Maybe they sent you the wrong product by accident? I've only spoken to him a couple of times, but Anthony seemed like good guy. I'm curious to see his response.


----------



## ItalynStylion (May 3, 2008)

Did you call Ant and ask what the deal was?


----------



## chipss (Nov 13, 2009)

didnt call, used e-mail. this was his reply...cut and pasted, I was and am unhappy with what he said, and did after the fact.
In all fairness I did not notice the price drop, but there are still way to many places on the website leading me and others to belive it has a backing/decoupler/ocf what ever ya wanta call it. 


Hey Chip.
am a bit confused...

The Luxury LIner has not had a foam liner in quite some time.
Every singel discription on our site indicatres it is only MLV. Even the picture is MLV with no foam. Several times it even suggests that you purchase Overkill or Overkill Pro with the Luxury Liner to have it work effectivly.

You are correct about the instruction though. They are from the old product with the foam. I will change that imediately.

I am sorry you are not happy but aside from leaving the old instruction up, there we have done everything we can to make our customers aware of the change (which in cluded a 30% price drop,and a product that give you 20% jmore vinyl!

ANT


----------



## chipss (Nov 13, 2009)

just to be clear about what I am saying here.
this is under the FAQ section of the Luxury Liner ss website as of today.

FAQ

Which side of Luxury Liner does the adhesive get applied to?
The Second Skin Contact Adhesive should always go on the foam side of Luxury Liner. The foam side should then get applied on top of the foil side of Damplifier or Damplifier Pro. The vinyl side of Luxury Liner will always face the passengers in the car.

What is the difference between Luxury Liner and Luxury Liner Pro?
Luxury Liner and Luxury Liner Pro share the same heavy vinyl barrier, but regular Luxury Liner is bonded to an open celled foam, while Luxury Liner Pro is bonded to a water resistant closed cell foam. It is because of this heavy duty closed cell foam that Luxury Liner is the better option for reducing unwanted noise and heat. 

What is the difference between Luxury Liner and Overkill Pro?
Luxury Liner is a noise barrier. Overkill Pro is a noise absorbing foam filter. 
Both products get applied on top of vibration dampers like Damplifier Pro or Spectrum in order to reduce airborne sound waves, but they do it in two totally different ways.

Overkill filters out specific frequencies that are able to penetrate the first vibration damping layer, but because it is so light, it allows many other sound wave frequencies to pass right through.

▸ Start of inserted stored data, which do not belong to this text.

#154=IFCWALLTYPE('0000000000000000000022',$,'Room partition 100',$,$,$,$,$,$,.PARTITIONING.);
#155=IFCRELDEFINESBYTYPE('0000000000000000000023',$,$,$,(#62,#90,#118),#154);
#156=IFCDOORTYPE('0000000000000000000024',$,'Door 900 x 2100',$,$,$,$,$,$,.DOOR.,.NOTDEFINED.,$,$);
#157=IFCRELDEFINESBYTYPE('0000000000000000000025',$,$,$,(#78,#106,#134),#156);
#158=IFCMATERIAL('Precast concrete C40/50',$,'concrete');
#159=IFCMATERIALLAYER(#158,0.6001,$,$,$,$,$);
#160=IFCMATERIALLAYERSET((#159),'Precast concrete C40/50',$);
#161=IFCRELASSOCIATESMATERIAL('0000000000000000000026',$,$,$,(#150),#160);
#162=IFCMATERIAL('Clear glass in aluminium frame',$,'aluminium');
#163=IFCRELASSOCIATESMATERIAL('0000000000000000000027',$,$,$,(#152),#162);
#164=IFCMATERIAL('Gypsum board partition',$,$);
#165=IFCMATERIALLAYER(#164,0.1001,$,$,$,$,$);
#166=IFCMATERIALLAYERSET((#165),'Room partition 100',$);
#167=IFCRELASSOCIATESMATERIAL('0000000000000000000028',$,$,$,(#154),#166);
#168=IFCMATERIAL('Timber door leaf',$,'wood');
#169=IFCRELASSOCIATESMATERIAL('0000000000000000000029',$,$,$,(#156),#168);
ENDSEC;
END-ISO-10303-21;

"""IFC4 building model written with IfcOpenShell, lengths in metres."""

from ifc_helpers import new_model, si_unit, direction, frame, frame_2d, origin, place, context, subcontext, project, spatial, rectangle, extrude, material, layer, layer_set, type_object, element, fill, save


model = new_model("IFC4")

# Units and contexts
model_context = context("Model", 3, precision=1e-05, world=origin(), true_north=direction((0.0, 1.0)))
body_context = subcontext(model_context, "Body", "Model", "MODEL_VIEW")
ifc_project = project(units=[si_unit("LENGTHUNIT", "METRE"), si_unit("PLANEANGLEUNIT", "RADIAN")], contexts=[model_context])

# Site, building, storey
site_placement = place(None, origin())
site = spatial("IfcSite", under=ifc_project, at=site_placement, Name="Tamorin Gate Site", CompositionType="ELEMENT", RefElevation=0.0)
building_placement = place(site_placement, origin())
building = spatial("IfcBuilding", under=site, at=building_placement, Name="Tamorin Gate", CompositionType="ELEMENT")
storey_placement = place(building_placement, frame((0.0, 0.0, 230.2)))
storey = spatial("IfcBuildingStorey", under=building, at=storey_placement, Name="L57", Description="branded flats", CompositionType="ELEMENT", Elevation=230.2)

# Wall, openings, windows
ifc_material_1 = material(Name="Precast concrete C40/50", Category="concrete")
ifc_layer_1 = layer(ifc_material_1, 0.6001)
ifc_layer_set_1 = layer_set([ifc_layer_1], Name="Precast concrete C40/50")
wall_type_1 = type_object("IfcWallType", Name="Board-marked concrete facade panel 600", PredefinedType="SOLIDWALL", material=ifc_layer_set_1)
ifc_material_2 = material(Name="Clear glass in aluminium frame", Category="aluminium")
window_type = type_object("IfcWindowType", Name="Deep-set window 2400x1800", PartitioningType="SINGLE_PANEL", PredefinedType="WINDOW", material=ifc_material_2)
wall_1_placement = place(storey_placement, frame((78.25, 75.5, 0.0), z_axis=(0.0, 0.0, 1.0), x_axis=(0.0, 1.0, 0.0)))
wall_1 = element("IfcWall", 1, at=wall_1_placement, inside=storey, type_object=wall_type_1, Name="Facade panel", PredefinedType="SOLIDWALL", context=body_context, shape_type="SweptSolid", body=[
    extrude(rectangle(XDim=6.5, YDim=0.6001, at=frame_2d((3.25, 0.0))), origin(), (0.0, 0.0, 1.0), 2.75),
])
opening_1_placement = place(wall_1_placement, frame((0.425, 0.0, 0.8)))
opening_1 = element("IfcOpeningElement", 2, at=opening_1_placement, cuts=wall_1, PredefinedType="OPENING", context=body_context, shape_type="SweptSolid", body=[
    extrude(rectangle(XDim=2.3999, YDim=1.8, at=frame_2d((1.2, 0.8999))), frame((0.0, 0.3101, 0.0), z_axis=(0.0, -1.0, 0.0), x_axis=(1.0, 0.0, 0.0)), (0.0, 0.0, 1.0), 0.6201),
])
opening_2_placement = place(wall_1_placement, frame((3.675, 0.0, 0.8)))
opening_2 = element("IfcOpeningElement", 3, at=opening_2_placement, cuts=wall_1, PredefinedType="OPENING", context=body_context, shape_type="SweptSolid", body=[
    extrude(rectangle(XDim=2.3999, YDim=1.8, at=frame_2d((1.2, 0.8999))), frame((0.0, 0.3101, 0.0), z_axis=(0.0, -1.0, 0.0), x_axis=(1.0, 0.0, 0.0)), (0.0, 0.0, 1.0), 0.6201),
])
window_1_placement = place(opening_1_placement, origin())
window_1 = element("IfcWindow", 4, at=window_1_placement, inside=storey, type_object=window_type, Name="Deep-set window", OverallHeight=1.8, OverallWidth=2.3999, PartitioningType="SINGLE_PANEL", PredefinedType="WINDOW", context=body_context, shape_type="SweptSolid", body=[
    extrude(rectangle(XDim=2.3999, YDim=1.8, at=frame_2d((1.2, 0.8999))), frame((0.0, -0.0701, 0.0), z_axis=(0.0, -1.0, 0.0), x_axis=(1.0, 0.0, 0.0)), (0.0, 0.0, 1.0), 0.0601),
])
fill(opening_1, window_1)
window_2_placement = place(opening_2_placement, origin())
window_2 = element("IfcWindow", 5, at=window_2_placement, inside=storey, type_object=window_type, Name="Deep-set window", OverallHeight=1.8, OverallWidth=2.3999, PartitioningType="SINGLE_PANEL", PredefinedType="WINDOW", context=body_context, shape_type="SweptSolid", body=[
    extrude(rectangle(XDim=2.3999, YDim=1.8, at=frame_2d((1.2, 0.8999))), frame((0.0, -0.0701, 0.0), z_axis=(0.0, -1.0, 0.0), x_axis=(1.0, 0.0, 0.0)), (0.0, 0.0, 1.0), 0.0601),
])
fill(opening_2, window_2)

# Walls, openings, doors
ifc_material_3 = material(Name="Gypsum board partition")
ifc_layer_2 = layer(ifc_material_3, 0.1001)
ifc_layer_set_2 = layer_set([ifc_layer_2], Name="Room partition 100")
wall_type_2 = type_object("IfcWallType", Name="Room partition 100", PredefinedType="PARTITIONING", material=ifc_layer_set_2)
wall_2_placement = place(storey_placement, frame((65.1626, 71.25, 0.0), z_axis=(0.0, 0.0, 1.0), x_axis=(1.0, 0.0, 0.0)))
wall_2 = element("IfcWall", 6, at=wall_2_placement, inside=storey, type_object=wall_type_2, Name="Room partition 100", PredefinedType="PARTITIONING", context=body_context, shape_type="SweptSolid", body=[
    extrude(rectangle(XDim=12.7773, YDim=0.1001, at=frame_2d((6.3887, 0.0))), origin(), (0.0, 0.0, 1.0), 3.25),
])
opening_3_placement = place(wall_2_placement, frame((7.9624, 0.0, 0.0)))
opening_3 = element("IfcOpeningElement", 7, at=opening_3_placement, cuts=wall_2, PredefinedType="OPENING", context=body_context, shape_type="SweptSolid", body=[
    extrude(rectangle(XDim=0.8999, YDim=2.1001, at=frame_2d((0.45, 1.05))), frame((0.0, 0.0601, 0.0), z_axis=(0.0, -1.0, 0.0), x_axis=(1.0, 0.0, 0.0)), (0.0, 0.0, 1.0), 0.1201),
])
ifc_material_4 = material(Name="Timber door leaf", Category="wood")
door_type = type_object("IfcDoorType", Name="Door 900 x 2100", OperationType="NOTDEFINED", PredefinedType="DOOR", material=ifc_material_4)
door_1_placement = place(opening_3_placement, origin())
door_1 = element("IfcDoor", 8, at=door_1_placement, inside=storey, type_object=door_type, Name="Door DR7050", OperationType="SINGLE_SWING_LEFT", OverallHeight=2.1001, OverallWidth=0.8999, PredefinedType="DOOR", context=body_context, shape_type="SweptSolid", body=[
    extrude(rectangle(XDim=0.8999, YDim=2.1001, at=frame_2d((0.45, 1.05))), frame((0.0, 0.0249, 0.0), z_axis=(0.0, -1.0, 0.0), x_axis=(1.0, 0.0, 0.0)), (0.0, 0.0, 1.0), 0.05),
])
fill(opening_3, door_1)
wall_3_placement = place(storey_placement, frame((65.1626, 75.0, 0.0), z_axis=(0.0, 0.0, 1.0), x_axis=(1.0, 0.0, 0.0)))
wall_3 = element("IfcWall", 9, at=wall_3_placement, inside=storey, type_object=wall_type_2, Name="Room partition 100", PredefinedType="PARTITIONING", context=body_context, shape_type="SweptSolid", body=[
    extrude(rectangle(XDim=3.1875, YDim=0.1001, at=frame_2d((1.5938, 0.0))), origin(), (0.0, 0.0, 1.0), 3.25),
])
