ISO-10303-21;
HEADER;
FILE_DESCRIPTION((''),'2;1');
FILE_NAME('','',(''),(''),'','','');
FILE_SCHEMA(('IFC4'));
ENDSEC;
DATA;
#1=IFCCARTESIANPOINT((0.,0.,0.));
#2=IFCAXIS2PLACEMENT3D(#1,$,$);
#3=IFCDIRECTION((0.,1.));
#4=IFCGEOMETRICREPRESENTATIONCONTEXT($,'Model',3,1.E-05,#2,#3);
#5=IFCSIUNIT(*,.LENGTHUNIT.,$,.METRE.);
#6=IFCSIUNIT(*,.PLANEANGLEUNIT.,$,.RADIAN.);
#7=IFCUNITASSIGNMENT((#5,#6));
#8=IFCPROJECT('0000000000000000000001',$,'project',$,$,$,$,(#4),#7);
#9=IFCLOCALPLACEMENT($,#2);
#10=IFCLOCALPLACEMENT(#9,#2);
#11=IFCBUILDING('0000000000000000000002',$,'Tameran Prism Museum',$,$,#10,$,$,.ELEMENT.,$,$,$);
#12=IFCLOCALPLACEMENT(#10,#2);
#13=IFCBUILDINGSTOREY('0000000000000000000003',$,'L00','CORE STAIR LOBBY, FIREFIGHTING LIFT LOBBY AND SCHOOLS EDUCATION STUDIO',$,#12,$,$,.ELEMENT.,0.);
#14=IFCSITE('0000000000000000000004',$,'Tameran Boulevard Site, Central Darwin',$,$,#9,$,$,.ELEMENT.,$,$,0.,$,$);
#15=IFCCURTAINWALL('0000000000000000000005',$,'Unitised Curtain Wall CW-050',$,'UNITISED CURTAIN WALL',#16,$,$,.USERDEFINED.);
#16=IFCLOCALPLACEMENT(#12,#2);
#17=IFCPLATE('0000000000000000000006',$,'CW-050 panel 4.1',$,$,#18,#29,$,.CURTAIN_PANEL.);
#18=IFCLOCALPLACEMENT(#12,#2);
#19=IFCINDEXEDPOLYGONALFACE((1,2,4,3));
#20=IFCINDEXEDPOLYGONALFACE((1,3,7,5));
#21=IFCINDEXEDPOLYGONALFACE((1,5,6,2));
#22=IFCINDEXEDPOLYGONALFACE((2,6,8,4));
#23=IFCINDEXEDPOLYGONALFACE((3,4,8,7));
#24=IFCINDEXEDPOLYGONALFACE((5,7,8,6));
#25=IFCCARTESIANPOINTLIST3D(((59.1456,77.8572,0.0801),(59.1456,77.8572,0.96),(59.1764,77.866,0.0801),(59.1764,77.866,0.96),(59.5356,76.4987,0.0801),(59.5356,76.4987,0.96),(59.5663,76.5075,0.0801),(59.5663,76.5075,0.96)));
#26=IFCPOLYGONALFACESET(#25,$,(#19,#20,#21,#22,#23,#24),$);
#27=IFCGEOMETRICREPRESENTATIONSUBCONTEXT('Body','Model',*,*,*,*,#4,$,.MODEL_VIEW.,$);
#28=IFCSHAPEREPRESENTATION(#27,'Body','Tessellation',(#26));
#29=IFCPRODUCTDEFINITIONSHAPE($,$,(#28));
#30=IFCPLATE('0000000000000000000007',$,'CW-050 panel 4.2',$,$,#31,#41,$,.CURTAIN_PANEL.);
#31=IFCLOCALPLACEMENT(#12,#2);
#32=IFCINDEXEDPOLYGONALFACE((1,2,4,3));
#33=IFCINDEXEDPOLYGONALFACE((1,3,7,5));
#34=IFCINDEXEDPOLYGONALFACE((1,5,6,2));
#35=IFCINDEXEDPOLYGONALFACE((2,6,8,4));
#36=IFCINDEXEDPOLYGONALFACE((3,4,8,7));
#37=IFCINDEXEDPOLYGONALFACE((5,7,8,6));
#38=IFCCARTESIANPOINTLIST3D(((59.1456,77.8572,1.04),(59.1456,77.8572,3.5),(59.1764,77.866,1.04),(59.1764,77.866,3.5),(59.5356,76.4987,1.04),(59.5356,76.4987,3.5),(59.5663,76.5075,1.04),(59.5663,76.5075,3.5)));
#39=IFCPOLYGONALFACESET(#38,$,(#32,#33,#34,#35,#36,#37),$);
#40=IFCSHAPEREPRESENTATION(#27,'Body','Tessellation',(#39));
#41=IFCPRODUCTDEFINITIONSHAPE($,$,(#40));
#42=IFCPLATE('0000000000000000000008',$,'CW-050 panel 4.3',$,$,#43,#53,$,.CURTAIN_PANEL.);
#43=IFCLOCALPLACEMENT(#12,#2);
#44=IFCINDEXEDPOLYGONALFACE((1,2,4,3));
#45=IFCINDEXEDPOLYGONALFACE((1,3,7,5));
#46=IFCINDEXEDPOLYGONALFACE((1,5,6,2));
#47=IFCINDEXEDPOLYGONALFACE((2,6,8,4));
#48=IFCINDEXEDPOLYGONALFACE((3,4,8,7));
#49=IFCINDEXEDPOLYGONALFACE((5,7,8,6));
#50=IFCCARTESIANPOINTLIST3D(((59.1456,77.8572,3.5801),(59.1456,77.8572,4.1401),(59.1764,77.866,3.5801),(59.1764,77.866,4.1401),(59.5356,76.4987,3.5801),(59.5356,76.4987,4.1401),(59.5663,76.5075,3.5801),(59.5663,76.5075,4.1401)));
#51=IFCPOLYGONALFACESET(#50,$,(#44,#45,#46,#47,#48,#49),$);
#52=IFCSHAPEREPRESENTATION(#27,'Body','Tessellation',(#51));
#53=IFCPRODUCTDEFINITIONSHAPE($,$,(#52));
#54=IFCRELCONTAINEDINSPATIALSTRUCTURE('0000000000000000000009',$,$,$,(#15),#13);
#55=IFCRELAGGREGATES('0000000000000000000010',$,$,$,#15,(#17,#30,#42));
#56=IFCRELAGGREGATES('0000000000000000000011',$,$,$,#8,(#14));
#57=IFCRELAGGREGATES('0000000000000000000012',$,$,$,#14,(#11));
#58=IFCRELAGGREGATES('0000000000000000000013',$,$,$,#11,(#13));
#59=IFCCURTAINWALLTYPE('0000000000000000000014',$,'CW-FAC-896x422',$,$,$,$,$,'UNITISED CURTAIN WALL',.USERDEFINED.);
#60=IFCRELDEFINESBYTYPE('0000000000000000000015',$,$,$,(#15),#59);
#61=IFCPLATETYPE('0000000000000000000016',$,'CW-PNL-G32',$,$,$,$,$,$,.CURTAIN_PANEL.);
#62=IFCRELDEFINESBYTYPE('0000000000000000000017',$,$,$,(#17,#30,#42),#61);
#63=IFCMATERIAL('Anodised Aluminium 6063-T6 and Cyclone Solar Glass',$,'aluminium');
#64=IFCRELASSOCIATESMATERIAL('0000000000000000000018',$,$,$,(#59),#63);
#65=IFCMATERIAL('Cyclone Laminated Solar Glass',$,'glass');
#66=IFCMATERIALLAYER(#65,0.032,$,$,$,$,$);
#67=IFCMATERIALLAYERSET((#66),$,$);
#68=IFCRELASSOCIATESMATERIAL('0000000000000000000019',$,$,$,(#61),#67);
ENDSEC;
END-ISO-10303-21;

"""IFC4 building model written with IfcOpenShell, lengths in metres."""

from ifc_helpers import new_model, si_unit, direction, frame, origin, origin_2d, place, context, subcontext, project, spatial, rectangle, extrude, material, layer, layer_set, type_object, element, aggregate, save


model = new_model("IFC4")

# Units and contexts
model_context = context("Model", 3, precision=1e-05, world=origin(), true_north=direction((0.0, 1.0)))
body_context = subcontext(model_context, "Body", "Model", "MODEL_VIEW")
ifc_project = project(units=[si_unit("LENGTHUNIT", "METRE"), si_unit("PLANEANGLEUNIT", "RADIAN")], contexts=[model_context])

# Site, building, storey
site_placement = place(None, origin())
site = spatial("IfcSite", under=ifc_project, at=site_placement, Name="Tameran Boulevard Site, Central Darwin", CompositionType="ELEMENT", RefElevation=0.0)
building_placement = place(site_placement, origin())
building = spatial("IfcBuilding", under=site, at=building_placement, Name="Tameran Prism Museum", CompositionType="ELEMENT")
storey_placement = place(building_placement, origin())
storey = spatial("IfcBuildingStorey", under=building, at=storey_placement, Name="L00", Description="CORE STAIR LOBBY, FIREFIGHTING LIFT LOBBY AND SCHOOLS EDUCATION STUDIO", CompositionType="ELEMENT", Elevation=0.0)

# Curtain wall, plates
ifc_material_1 = material(Name="Anodised Aluminium 6063-T6 and Cyclone Solar Glass", Category="aluminium")
curtain_wall_type = type_object("IfcCurtainWallType", Name="CW-FAC-896x422", ElementType="UNITISED CURTAIN WALL", PredefinedType="USERDEFINED", material=ifc_material_1)
curtain_wall_placement = place(storey_placement, origin())
curtain_wall = element("IfcCurtainWall", 1, at=curtain_wall_placement, inside=storey, type_object=curtain_wall_type, Name="Unitised Curtain Wall CW-050", ObjectType="UNITISED CURTAIN WALL", PredefinedType="USERDEFINED")
ifc_material_2 = material(Name="Cyclone Laminated Solar Glass", Category="glass")
ifc_layer = layer(ifc_material_2, 0.032)
ifc_layer_set = layer_set([ifc_layer])
plate_type = type_object("IfcPlateType", Name="CW-PNL-G32", PredefinedType="CURTAIN_PANEL", material=ifc_layer_set)
plate_1_placement = place(storey_placement, frame((59.356, 77.1824, 0.0801), z_axis=(0.0, 0.0, 1.0), x_axis=(0.2759, -0.961186, 0.0)))
plate_1 = element("IfcPlate", 2, at=plate_1_placement, type_object=plate_type, Name="CW-050 panel 4.1", PredefinedType="CURTAIN_PANEL", context=body_context, shape_type="SweptSolid", body=[
    extrude(rectangle(XDim=1.4133, YDim=0.032, at=origin_2d()), origin(), (0.0, 0.0, 1.0), 0.8799),
])
plate_2_placement = place(storey_placement, frame((59.356, 77.1824, 1.04), z_axis=(0.0, 0.0, 1.0), x_axis=(0.2759, -0.961186, 0.0)))
plate_2 = element("IfcPlate", 3, at=plate_2_placement, type_object=plate_type, Name="CW-050 panel 4.2", PredefinedType="CURTAIN_PANEL", context=body_context, shape_type="SweptSolid", body=[
    extrude(rectangle(XDim=1.4133, YDim=0.032, at=origin_2d()), origin(), (0.0, 0.0, 1.0), 2.46),
])
plate_3_placement = place(storey_placement, frame((59.356, 77.1824, 3.5801), z_axis=(0.0, 0.0, 1.0), x_axis=(0.2759, -0.961186, 0.0)))
plate_3 = element("IfcPlate", 4, at=plate_3_placement, type_object=plate_type, Name="CW-050 panel 4.3", PredefinedType="CURTAIN_PANEL", context=body_context, shape_type="SweptSolid", body=[
    extrude(rectangle(XDim=1.4133, YDim=0.032, at=origin_2d()), origin(), (0.0, 0.0, 1.0), 0.5601),
])
aggregate(curtain_wall, [plate_1, plate_2, plate_3])

save(model, "model.ifc")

Luxury Liner is a barrier that blocks and reflects the most difficult airborne sound waves that Overkill Pro is not capable of handling.


under the instuctions on how to use this product.
Second Skin Luxury Liner is a two part composite mat consisting of a vinyl barrier
laminated to an open celled acoustical foam. Luxury Liner is designed to reflect and
reject specific airborne sound waves associated with Road, engine and exhaust noise.
For best results, apply Luxury Liner on top of a vibration damper like Second Skin
Damplifier Pro or Spectrum.


----------



## ItalynStylion (May 3, 2008)

Here is what I see when looking at the product overview which is likely what you also saw first before purchasing...












While I agree that the FAQ and other details like the install instructions hadn't been updated I think the site made it quite clear what you were purchasing.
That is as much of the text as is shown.